The Big Bang approach reflects efforts to create ground-up platforms that span hardware, software, networks and storage systems, and that provide layers of virtualization for service provisioning and delivery. The two closest approaches to this are Sun's N1 effort, and IBM's Autonomic Computing. While very little is known about these efforts publicly, they both appears to grapple with massive scale application and service provisioning and delivery. They appear to require upgrades to many components in the infrastructure stack.

While I don't doubt that these Big Bang approaches will work, I'm not sure that they fully escape the centralized essence of today's IT infrastructure. They still require that corporations invest in massive infrastructure, though apparently with much less "overhead" comparatively speaking. They look to me like contemporary equivalents of mainframe computing, but with a sensibility towards the heterogeneity of today's computing landscape.

The other approach, Pragmatic Incrementalism, seeks to leverage existing networks, hardware and software platforms in innovative ways, creating a similar end-result. The only example I know of this today is Akamai's Edge platform. In particular, Akamai's efforts to deliver not just content but applications in the edge of the network. Again, not a lot is known publicly about this effort, accept for these press releases with IBM and Microsoft.

Akamai has built a operating platform that exists inside the Internet. They've installed over 13,000 commodity PC servers running Linux and Windows inside thousands of ISP's and network points. Inside that network and those machines, they operate a sophisticated set of software which monitors the stage of the network, machines and storage.
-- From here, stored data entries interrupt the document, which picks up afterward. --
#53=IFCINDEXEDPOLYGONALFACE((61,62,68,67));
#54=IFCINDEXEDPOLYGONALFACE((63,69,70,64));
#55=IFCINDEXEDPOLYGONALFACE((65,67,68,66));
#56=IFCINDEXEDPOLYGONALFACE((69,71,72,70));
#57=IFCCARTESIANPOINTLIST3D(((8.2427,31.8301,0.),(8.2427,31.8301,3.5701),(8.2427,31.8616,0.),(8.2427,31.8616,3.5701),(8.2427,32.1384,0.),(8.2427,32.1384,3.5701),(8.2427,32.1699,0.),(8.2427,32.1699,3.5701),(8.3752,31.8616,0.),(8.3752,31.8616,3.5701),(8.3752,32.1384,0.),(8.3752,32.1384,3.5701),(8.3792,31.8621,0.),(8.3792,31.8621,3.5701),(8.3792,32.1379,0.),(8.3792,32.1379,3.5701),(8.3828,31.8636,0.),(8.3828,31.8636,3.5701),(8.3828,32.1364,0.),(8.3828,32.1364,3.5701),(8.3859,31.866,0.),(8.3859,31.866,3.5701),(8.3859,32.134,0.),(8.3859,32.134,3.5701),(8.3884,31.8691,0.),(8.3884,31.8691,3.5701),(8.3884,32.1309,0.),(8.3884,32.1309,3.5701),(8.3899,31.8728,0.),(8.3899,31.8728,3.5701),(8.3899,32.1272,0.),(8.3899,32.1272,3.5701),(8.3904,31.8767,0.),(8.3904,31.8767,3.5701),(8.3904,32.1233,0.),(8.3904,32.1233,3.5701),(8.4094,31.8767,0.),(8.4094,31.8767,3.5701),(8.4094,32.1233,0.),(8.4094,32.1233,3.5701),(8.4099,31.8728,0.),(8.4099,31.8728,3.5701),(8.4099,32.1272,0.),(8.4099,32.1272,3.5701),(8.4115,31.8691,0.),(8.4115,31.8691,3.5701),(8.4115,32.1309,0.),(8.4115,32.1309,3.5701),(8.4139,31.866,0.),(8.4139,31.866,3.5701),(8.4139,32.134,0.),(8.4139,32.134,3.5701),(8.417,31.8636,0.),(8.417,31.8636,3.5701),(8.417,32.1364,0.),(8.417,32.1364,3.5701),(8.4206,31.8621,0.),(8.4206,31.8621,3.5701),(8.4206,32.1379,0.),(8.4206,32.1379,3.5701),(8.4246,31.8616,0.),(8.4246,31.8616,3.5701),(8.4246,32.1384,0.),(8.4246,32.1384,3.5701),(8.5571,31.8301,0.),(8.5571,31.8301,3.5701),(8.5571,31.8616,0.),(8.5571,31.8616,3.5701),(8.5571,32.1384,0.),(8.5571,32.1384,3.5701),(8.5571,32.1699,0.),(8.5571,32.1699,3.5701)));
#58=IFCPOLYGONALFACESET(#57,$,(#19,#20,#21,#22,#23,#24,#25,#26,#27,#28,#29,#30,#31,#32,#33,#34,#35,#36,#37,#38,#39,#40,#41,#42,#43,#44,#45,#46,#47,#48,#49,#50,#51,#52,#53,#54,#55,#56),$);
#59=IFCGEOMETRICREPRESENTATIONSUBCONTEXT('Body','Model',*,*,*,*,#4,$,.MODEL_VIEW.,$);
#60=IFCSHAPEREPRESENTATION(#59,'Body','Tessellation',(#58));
In some respects, this massive network is a virtualized delivery platform. That is certainly how it operates today for content delivery. These partnerships with IBM and Microsoft appear to be geared towards leveraging that incredible distributed footprint into application delivery. Presumably, a corporation with a J2EE or .NET application can deploy into a staging environment, and then as the application is used around the world, it is dynamically provisioned into the appropriate nodes. Pricing is unknown, but given this distribution model, it would seem like a likely candidate for utilization-based pricing (e.g. total CPU cycles and memory used worldwide).

This approach begins to reach the vision of software as a service, where service providers merely provision their application into a cloud, and are billed entirely on utilization of resources, avoiding the incredibly costly and inefficient effects of over-provisioning. Ultimately, it may be that the results of the Big Bang R&D become the "nodes in the network" that are contained in a network like Akamai's.

Will we soon see a day when corporations and software providers both big and small can rely on a public computing infrastructure that automatically scales, that is efficient, and that delivers on the vision of computing as a utility?